A simplified multimodal encoder:

```python id="2pd67p"
import torch
import torch.nn as nn
import torch.nn.functional as F

class AudioVisualModel(nn.Module):
    def __init__(self, video_encoder, audio_encoder, embed_dim):
        super().__init__()

        self.video_encoder = video_encoder
        self.audio_encoder = audio_encoder

        self.video_proj = nn.Linear(512, embed_dim)
        self.audio_proj = nn.Linear(512, embed_dim)

    def forward(self, video, audio):
        video_feat = self.video_encoder(video)
        audio_feat = self.audio_encoder(audio)

        video_emb = F.normalize(
            self.video_proj(video_feat),
            dim=-1,
        )

        audio_emb = F.normalize(
            self.audio_proj(audio_feat),
            dim=-1,
        )

        return video_emb, audio_emb
```

Training:

```python id="x0w4g5"
video_emb, audio_emb = model(video, audio)

logits = video_emb @ audio_emb.T
labels = torch.arange(logits.size(0), device=logits.device)

loss = (
    F.cross_entropy(logits, labels)
    +
    F.cross_entropy(logits.T, labels)
) / 2
```

This architecture resembles modern multimodal contrastive systems.

### Applications

Audio-visual learning supports many applications.

| Application | Description |
|---|---|
| Video understanding | Action recognition and event detection |
| Speech enhancement | Using lip motion to improve speech |
| Multimodal assistants | Combined sound and vision reasoning |
| Robotics | Environmental perception |
| Autonomous driving | Audio and camera fusion |
| Healthcare | Medical audiovisual monitoring |
| Human-computer interaction | Gesture and speech integration |

Many embodied AI systems depend on multimodal sensing because real environments contain both visual and acoustic signals.

### Challenges

Audio-visual learning remains difficult.

Major challenges include:

| Challenge | Description |
|---|---|
| Temporal misalignment | Audio and video may drift |
| Noise | Background sounds and motion blur |
| Scale mismatch | Audio and video have different rates |
| Missing modalities | One modality may be absent |
| Long sequences | Video is computationally expensive |
| Dataset bias | Correlations may be spurious |

For example, a model may incorrectly associate applause with stage lighting because both often appear together.

Robust multimodal systems must learn causal structure rather than shallow correlation.

### Summary

Audio-visual learning combines sound and visual information into unified representations.
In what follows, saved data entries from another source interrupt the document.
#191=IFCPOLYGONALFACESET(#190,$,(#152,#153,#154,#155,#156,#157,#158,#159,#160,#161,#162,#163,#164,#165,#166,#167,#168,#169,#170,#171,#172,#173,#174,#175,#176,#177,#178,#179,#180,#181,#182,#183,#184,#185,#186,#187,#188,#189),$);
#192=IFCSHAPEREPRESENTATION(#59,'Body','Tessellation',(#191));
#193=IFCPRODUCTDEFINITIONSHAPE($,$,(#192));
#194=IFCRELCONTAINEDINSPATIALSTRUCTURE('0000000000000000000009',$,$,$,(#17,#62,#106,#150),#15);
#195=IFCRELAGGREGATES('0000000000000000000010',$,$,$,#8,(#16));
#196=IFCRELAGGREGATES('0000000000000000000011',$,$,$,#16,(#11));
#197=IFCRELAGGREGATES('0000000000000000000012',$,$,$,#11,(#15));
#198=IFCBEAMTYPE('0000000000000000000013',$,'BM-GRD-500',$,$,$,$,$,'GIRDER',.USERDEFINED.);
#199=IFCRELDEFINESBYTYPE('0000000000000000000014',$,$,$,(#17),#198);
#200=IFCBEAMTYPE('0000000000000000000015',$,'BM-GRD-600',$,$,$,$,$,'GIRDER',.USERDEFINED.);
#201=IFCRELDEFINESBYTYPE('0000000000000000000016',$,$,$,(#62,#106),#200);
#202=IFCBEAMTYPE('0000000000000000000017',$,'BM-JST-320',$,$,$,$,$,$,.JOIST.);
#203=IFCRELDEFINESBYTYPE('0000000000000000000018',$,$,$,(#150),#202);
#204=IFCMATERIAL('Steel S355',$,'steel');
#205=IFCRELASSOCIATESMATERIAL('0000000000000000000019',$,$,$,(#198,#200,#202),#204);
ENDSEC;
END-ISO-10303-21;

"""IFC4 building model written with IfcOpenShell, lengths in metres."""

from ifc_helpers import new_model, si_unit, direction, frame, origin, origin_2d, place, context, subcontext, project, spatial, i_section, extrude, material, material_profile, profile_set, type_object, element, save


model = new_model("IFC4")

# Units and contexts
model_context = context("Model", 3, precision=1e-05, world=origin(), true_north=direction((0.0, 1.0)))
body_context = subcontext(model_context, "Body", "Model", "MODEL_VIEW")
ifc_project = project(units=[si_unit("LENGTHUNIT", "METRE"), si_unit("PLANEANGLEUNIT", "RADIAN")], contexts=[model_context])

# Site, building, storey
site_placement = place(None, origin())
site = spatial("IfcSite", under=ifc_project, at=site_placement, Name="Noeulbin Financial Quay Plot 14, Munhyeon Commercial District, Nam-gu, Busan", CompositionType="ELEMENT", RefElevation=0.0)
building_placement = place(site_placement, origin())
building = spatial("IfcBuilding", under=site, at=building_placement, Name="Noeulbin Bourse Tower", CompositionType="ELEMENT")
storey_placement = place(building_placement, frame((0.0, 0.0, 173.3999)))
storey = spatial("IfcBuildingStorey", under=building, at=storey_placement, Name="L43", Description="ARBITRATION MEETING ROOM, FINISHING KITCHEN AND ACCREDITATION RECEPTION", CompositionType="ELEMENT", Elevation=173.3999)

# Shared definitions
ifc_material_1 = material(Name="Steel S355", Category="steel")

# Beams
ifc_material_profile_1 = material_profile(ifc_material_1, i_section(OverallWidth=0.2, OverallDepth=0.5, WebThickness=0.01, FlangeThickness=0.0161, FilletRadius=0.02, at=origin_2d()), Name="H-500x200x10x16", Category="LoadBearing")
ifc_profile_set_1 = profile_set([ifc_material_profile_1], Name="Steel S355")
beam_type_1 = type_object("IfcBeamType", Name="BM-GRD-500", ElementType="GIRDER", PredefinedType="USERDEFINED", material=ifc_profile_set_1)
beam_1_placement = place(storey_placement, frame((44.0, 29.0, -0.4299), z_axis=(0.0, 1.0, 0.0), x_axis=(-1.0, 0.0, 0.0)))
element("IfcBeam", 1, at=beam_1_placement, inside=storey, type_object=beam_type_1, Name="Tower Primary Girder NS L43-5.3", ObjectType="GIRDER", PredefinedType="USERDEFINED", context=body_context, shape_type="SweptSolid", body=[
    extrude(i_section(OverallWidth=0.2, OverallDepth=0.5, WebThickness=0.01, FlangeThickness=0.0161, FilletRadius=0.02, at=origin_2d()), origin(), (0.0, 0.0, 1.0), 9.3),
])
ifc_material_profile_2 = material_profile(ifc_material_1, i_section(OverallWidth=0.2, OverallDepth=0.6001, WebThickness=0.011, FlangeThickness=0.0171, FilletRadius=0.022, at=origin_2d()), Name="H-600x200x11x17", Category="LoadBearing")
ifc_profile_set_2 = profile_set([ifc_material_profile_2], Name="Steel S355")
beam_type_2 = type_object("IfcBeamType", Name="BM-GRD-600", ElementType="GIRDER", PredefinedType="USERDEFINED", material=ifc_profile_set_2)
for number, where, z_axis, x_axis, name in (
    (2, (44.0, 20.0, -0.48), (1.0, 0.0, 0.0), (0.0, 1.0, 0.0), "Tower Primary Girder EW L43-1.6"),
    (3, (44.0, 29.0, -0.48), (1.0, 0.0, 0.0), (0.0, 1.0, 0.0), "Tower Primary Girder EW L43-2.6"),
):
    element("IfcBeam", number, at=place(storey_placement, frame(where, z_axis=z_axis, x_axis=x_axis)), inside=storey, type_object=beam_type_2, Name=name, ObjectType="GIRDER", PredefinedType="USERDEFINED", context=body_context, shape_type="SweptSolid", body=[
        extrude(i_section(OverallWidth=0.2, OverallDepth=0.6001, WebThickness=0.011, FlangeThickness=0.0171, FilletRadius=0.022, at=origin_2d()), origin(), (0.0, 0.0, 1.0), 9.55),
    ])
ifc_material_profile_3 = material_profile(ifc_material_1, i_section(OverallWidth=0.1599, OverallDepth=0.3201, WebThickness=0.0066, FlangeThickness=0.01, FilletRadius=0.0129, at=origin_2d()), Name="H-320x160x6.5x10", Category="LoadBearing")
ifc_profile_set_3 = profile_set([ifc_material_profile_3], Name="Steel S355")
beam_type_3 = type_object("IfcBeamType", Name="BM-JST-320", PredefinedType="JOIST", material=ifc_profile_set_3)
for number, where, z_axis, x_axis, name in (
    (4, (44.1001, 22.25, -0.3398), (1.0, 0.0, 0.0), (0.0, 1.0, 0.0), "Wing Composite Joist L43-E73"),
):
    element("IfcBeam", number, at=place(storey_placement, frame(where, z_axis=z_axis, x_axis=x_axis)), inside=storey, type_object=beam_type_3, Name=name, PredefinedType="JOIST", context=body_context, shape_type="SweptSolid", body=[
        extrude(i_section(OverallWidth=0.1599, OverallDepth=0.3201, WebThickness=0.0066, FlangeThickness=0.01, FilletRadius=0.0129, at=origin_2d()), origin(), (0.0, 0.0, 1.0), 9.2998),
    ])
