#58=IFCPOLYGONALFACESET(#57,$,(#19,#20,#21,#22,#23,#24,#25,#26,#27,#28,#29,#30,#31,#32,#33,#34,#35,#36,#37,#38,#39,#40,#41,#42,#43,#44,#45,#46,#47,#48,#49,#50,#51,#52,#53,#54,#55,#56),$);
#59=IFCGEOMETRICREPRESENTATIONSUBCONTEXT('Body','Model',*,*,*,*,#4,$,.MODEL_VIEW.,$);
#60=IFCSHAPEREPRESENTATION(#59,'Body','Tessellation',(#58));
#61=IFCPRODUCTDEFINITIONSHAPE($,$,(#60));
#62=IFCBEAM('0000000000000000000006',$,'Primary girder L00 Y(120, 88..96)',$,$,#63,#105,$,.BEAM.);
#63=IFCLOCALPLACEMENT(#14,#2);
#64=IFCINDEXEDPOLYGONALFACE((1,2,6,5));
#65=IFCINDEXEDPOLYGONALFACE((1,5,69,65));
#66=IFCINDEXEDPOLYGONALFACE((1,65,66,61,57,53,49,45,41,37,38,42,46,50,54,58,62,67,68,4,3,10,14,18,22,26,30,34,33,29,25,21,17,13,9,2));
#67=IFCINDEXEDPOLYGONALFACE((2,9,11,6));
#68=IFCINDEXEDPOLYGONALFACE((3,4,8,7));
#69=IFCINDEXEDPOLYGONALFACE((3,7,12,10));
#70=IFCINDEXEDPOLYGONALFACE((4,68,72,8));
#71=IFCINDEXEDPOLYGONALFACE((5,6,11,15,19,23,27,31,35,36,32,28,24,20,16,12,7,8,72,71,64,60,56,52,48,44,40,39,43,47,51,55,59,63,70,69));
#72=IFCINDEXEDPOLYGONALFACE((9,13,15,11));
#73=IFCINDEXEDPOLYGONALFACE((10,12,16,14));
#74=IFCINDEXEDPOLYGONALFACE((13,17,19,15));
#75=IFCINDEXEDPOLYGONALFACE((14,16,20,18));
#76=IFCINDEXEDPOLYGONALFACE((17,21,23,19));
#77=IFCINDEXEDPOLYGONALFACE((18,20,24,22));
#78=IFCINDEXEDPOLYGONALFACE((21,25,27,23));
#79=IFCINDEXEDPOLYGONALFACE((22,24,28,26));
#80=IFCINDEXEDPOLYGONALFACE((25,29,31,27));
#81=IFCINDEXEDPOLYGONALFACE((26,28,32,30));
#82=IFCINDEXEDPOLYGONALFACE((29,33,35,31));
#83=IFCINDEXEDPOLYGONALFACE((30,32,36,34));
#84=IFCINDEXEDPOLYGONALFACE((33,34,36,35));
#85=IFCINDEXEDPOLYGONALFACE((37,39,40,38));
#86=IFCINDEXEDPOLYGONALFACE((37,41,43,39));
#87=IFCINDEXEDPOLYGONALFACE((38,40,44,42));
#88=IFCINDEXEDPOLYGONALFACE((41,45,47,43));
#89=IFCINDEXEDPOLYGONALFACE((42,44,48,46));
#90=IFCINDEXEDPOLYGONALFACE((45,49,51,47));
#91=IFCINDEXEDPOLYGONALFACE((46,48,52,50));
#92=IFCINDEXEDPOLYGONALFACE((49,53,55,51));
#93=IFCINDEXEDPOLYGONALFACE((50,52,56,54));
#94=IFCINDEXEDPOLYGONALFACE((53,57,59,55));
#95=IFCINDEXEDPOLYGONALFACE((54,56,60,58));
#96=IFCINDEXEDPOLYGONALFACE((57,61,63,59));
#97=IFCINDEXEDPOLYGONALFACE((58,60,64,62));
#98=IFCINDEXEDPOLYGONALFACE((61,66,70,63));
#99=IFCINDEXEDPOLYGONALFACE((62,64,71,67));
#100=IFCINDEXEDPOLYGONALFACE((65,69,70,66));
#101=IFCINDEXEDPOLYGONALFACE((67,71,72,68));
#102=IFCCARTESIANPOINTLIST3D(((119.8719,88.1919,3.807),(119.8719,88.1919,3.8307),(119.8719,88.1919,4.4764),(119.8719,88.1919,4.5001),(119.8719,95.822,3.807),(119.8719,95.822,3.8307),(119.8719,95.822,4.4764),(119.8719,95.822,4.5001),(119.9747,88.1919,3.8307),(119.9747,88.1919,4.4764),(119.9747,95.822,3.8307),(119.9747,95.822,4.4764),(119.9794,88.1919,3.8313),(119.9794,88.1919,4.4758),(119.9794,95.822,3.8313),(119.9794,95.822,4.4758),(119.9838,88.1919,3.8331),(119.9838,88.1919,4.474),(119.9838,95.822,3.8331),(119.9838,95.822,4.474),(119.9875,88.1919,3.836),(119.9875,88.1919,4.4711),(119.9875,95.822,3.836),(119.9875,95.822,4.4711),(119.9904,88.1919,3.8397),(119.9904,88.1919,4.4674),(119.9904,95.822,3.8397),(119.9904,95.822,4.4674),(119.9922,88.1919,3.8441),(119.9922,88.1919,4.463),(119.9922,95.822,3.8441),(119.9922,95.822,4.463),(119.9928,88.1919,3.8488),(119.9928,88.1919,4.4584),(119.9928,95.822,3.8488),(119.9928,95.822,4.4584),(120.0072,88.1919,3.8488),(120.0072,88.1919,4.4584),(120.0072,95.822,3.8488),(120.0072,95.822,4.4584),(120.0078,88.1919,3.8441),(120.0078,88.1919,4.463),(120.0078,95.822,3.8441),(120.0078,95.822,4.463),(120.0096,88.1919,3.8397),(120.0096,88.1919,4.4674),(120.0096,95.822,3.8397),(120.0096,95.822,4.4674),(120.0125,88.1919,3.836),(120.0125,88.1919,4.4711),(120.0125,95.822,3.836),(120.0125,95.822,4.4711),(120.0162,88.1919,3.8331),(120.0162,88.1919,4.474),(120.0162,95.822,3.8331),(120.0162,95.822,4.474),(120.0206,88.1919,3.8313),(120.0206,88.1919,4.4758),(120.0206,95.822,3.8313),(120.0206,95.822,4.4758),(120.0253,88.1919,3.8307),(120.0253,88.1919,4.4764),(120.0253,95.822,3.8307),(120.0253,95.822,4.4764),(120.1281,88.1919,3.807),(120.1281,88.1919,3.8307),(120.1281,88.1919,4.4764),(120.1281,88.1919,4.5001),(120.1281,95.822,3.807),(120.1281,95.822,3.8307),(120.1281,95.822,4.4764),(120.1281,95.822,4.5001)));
The central ideas are temporal modeling, multimodal alignment, cross-attention, and contrastive learning.

Modern systems encode video and audio into token sequences, align them through embedding objectives, and fuse them using transformers. These systems support retrieval, generation, speech understanding, robotics, multimodal assistants, and embodied AI.

In PyTorch, audio-visual learning reduces to tensorized multimodal pipelines: encode each modality, align embeddings, fuse representations, and optimize contrastive or generative objectives across time.